Солдаты в дальнем углу кабака были грубые, неотесанные типы, они говорили на языке маттенинглиш,[11] диалекте Ной-Берна, которому я так и не научился. Они играли в игру: в этой игре за деньги один бьет другого по щекам. Двое солдат с красными рожами сидели напротив друг друга и по очереди лепили один другому пощечины. Третий, желтоволосый ениш,[12] прижимал левые руки противников к поверхности стола. Тупо повторялось одно и то же: клались деньги на стол, потом — глоток мбеге и — аритмичные, глухие звуки пощечин.
— Так что же сатори, Фавр?
— Сатори, мой друг, связано с предметностью. Отдельно взятый человек должен стать предметным, ощутимым. Называется самадхи у хиндустанцев, ву — у корейцев. — Она энергично положила руку мне на плечо. — Бражинский…
— Итак, сатори — это состояние?
— Бражинский его достиг, — ответила Фавр. — При помощи медитации, глубокого погружения в природу войны… Кто знает.
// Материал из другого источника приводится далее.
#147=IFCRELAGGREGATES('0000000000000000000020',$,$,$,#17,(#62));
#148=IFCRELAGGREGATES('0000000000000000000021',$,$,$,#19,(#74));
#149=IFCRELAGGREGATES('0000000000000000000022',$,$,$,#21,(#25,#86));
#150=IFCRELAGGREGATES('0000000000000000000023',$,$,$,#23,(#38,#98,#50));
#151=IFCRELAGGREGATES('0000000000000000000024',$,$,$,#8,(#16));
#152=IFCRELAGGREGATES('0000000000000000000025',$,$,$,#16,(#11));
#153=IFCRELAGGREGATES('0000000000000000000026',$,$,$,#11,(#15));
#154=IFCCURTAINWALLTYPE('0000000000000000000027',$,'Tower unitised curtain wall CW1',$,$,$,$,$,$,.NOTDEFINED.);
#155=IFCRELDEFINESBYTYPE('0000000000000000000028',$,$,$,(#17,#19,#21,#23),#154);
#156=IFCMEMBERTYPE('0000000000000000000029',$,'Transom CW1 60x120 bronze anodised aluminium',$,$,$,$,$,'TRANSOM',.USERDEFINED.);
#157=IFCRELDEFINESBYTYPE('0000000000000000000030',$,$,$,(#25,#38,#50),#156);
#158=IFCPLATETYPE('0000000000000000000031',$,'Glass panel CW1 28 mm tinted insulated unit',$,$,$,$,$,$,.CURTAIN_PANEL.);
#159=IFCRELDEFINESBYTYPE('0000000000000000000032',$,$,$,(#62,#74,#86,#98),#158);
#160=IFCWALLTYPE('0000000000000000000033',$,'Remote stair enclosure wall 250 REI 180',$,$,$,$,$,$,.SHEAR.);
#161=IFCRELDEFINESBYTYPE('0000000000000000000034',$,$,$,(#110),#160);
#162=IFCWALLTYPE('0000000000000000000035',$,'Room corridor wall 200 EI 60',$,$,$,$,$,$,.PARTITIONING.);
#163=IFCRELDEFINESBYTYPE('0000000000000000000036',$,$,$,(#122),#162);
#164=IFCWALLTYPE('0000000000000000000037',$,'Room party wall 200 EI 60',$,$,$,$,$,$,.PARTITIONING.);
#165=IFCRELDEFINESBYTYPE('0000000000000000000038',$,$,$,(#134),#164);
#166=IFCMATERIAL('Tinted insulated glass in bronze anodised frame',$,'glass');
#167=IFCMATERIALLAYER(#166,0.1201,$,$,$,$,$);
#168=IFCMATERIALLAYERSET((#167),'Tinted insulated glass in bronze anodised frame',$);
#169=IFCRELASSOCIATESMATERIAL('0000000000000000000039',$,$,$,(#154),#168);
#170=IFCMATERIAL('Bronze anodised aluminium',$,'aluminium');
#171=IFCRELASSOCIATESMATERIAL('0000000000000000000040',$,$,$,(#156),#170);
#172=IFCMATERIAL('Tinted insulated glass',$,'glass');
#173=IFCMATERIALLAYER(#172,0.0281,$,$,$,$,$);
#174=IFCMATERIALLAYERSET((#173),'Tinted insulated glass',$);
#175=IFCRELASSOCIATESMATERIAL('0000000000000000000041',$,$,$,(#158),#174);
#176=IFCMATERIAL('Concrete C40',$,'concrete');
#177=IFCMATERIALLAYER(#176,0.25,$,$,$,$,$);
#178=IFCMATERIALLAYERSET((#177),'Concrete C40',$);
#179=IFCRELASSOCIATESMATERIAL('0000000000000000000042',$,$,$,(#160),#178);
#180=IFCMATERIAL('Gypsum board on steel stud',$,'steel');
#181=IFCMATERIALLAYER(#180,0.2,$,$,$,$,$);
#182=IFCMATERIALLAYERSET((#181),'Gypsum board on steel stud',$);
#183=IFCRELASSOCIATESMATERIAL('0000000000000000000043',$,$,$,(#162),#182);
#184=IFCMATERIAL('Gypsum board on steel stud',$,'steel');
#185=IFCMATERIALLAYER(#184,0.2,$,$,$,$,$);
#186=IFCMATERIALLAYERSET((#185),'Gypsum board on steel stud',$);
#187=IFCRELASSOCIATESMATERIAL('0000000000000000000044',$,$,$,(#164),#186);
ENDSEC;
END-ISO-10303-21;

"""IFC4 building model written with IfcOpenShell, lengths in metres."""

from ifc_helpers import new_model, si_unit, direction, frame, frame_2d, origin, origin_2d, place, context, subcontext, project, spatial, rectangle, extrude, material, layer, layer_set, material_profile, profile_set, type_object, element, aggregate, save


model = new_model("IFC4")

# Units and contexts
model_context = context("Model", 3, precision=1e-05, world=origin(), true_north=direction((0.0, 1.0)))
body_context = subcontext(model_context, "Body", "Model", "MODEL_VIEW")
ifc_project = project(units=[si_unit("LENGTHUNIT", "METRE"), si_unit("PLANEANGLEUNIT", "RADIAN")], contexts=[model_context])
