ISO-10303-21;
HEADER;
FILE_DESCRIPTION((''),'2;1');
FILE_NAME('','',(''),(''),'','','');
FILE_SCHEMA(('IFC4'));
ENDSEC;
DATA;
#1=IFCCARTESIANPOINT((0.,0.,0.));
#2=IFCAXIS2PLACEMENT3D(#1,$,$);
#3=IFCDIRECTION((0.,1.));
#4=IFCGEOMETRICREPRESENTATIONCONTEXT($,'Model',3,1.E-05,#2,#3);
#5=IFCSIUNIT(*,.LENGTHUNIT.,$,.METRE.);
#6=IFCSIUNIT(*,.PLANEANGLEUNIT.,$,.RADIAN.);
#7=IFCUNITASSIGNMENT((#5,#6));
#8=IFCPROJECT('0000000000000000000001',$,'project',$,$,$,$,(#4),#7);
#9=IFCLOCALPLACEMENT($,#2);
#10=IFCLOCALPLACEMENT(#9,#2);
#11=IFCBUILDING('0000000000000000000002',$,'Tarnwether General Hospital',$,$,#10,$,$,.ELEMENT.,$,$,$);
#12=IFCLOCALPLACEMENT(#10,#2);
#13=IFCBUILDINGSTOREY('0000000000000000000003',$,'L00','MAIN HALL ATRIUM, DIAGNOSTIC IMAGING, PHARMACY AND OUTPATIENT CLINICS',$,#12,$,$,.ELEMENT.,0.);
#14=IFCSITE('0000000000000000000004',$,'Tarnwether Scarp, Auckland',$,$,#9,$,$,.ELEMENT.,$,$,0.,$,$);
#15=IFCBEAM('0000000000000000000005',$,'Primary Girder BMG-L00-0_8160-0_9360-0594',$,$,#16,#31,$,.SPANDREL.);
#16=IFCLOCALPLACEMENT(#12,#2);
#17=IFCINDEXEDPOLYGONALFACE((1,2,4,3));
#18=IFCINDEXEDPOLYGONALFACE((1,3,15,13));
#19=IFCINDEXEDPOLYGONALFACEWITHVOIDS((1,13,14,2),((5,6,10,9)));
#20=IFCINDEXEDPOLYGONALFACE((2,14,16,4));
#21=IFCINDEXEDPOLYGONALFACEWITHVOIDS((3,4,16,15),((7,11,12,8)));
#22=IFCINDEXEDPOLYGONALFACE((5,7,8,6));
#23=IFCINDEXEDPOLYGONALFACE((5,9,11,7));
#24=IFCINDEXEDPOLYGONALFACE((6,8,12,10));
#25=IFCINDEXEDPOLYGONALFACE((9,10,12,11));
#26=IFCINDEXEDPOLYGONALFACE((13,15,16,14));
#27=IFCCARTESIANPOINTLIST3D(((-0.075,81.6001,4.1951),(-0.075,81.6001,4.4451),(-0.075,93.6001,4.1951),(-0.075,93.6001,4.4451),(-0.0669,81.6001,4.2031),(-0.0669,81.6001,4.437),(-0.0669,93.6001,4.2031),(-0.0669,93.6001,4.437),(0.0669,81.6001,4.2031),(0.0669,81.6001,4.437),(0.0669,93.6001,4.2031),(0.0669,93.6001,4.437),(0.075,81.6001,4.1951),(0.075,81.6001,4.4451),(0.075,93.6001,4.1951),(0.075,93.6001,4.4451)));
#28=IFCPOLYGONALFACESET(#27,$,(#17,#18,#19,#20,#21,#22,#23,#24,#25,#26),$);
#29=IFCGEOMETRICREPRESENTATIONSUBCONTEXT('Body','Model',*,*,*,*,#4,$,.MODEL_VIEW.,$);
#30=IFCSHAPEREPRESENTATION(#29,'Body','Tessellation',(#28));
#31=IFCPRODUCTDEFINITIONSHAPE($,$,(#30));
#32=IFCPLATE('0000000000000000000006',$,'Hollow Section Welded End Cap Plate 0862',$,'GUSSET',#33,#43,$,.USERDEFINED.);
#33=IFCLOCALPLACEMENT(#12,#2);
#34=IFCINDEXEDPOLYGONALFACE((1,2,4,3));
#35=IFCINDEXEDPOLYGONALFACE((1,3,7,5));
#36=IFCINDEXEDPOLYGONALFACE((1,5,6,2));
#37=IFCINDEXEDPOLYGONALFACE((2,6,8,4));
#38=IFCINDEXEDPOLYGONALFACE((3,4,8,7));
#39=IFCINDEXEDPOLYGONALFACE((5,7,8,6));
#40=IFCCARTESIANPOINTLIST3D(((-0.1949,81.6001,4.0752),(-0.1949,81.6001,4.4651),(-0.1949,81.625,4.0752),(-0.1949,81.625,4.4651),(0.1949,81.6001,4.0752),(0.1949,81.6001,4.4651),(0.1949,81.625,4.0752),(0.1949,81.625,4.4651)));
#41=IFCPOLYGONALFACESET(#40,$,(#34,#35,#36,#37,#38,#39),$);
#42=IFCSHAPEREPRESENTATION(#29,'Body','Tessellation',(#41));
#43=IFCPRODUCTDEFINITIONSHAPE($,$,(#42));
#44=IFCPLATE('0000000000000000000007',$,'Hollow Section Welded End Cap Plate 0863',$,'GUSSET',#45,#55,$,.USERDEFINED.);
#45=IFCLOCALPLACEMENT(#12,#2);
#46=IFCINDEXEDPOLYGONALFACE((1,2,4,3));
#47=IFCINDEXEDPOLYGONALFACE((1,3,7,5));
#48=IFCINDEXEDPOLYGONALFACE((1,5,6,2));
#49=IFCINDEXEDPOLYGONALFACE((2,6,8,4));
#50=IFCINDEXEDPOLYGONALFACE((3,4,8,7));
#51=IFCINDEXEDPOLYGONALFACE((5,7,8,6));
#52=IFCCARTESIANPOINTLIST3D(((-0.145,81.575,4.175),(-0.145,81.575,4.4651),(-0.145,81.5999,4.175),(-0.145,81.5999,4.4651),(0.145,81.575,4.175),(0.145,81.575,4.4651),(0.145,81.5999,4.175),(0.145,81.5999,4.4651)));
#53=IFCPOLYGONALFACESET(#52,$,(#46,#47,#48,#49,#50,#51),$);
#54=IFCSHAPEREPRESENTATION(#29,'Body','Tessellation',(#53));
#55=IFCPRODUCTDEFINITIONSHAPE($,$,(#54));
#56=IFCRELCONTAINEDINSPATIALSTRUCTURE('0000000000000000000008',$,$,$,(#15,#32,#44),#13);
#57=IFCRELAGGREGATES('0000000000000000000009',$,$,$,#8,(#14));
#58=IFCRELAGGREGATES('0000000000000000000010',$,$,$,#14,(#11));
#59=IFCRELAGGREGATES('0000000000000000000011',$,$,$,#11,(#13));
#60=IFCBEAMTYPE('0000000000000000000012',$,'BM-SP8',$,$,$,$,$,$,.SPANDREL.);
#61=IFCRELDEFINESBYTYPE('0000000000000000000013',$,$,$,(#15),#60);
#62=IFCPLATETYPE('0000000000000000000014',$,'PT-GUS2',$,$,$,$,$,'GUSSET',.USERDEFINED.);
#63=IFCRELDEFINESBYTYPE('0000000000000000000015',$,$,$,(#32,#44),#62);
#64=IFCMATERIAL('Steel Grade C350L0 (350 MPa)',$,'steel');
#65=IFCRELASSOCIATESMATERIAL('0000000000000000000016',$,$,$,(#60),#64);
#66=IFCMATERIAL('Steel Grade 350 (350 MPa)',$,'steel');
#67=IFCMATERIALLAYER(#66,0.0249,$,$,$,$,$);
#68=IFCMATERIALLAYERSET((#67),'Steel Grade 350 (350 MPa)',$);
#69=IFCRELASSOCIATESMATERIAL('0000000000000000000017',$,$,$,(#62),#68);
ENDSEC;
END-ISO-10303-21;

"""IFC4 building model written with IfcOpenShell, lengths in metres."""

from ifc_helpers import new_model, si_unit, direction, frame, origin, origin_2d, place, context, subcontext, project, spatial, rectangle, hollow_rectangle, extrude, material, layer, layer_set, material_profile, profile_set, type_object, element, save


model = new_model("IFC4")

# Units and contexts
model_context = context("Model", 3, precision=1e-05, world=origin(), true_north=direction((0.0, 1.0)))
body_context = subcontext(model_context, "Body", "Model", "MODEL_VIEW")
ifc_project = project(units=[si_unit("LENGTHUNIT", "METRE"), si_unit("PLANEANGLEUNIT", "RADIAN")], contexts=[model_context])

# Site, building, storey
site_placement = place(None, origin())
site = spatial("IfcSite", under=ifc_project, at=site_placement, Name="Tarnwether Scarp, Auckland", CompositionType="ELEMENT", RefElevation=0.0)
building_placement = place(site_placement, origin())
building = spatial("IfcBuilding", under=site, at=building_placement, Name="Tarnwether General Hospital", CompositionType="ELEMENT")
storey_placement = place(building_placement, origin())
storey = spatial("IfcBuildingStorey", under=building, at=storey_placement, Name="L00", Description="MAIN HALL ATRIUM, DIAGNOSTIC IMAGING, PHARMACY AND OUTPATIENT CLINICS", CompositionType="ELEMENT", Elevation=0.0)

# Beam
ifc_material_1 = material(Name="Steel Grade C350L0 (350 MPa)", Category="steel")
ifc_material_profile_1 = material_profile(ifc_material_1, hollow_rectangle(XDim=0.1499, YDim=0.25, WallThickness=0.0081, at=origin_2d()), Name="RHS250x150x8")
ifc_profile_set_1 = profile_set([ifc_material_profile_1], Name="Steel Grade C350L0 (350 MPa)")
beam_type_1 = type_object("IfcBeamType", Name="BM-SP8", PredefinedType="SPANDREL", material=ifc_profile_set_1)
beam_1_placement = place(storey_placement, frame((0.0, 81.6001, 4.3201), z_axis=(0.0, 1.0, 0.0), x_axis=(-1.0, 0.0, 0.0)))
element("IfcBeam", 1, at=beam_1_placement, inside=storey, type_object=beam_type_1, Name="Primary Girder BMG-L00-0_8160-0_9360-0594", PredefinedType="SPANDREL", context=body_context, shape_type="SweptSolid", body=[
    extrude(hollow_rectangle(XDim=0.1499, YDim=0.25, WallThickness=0.0081, at=origin_2d()), origin(), (0.0, 0.0, 1.0), 12.0),
])

# Plates
ifc_material_2 = material(Name="Steel Grade 350 (350 MPa)", Category="steel")
ifc_layer_1 = layer(ifc_material_2, 0.0249)
ifc_layer_set_1 = layer_set([ifc_layer_1], Name="Steel Grade 350 (350 MPa)")
plate_type = type_object("IfcPlateType", Name="PT-GUS2", ElementType="GUSSET", PredefinedType="USERDEFINED", material=ifc_layer_set_1)
plate_1_placement = place(storey_placement, frame((0.0, 81.6125, 4.0752), z_axis=(0.0, 0.0, 1.0), x_axis=(0.0, 1.0, 0.0)))
element("IfcPlate", 2, at=plate_1_placement, inside=storey, type_object=plate_type, Name="Hollow Section Welded End Cap Plate 0862", ObjectType="GUSSET", PredefinedType="USERDEFINED", context=body_context, shape_type="SweptSolid", body=[
    extrude(rectangle(XDim=0.0249, YDim=0.3899, at=origin_2d()), origin(), (0.0, 0.0, 1.0), 0.3899),
])
plate_2_placement = place(storey_placement, frame((0.0, 81.5874, 4.175), z_axis=(0.0, 0.0, 1.0), x_axis=(0.0, 1.0, 0.0)))
element("IfcPlate", 3, at=plate_2_placement, inside=storey, type_object=plate_type, Name="Hollow Section Welded End Cap Plate 0863", ObjectType="GUSSET", PredefinedType="USERDEFINED", context=body_context, shape_type="SweptSolid", body=[
    extrude(rectangle(XDim=0.0249, YDim=0.29, at=origin_2d()), origin(), (0.0, 0.0, 1.0), 0.29),
])

save(model, "model.ifc")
Если бы мы это поняли, все было бы проще.
— Вы его знаете намного лучше, чем мне показалось сначала.
Она взглянула на солдат, отхлебнула мбеге и вытерла рот тыльной стороной ладони.
— Да.
Водка начала оказывать свое действие. Ее плечи расслабились, казалось, что даже морщинки под глазами исчезли, а кожа стала гладкой.
— Мы владеем огромным сокровищем, и оно скрыто в атомах. Это мне передал однажды Бражинский, в прошлом году, когда немцы оккупировали наш город.
— Как?
— Что как?
— Как он мог вам это передать из осажденного города?
— Ах, комиссар! Назовем это беспроволочным телеграфом.
— Беспроволочным? Даже у корейцев в Ной-Минске этого нет. Даже в Пхеньяне.
— Это новая коммуникационная структура. Я вам позже объясню. Бражинский жил спокойно, незаметно, приспособившись к обстоятельствам.
— Но если его терпели при немцах, то почему сейчас, после освобождения, к нему вломились в дом? К чему эта антисемитская мазня свиной кровью на его лавке? Я сегодня утром там был.
— Он опасен для ШСР, и он — ее надежда.
— Как он может быть сразу и тем, и другим?
— И это тоже в природе вещей. Ищите его. Найдите его. — Она допила свою кружку. — Происходит что-то знаменательное, комиссар.
И вдруг я увидел прямо перед собой и абсолютно реально Фавр и Бражинского, а с ними темнокожего мвана пяти-шести лет. Глаза у ребенка были абсолютно голубыми, и радужная оболочка, и зрачок.
— Вы и Бражинский были…?
Она не ответила, опустила глаза и положила на стол деньги. На банкнотах все еще печатали портрет товарища конфедерата Ленина, с глубоко посаженными темными глазами, почти азиатскими скулами и высоким лбом, хотя уже много лет назад он умер от лейкемии.
— Покажите мне ваши руки, — сказала она.
Я положил свои руки на стол ладонями вверх, она стала осторожно поворачивать их, разглядывая. Линии на ладони и сами ладони всегда казались мне уродливыми, я попытался убрать руки, но она удивительно крепко держала их, проводя пальцами по линиям на ладонях.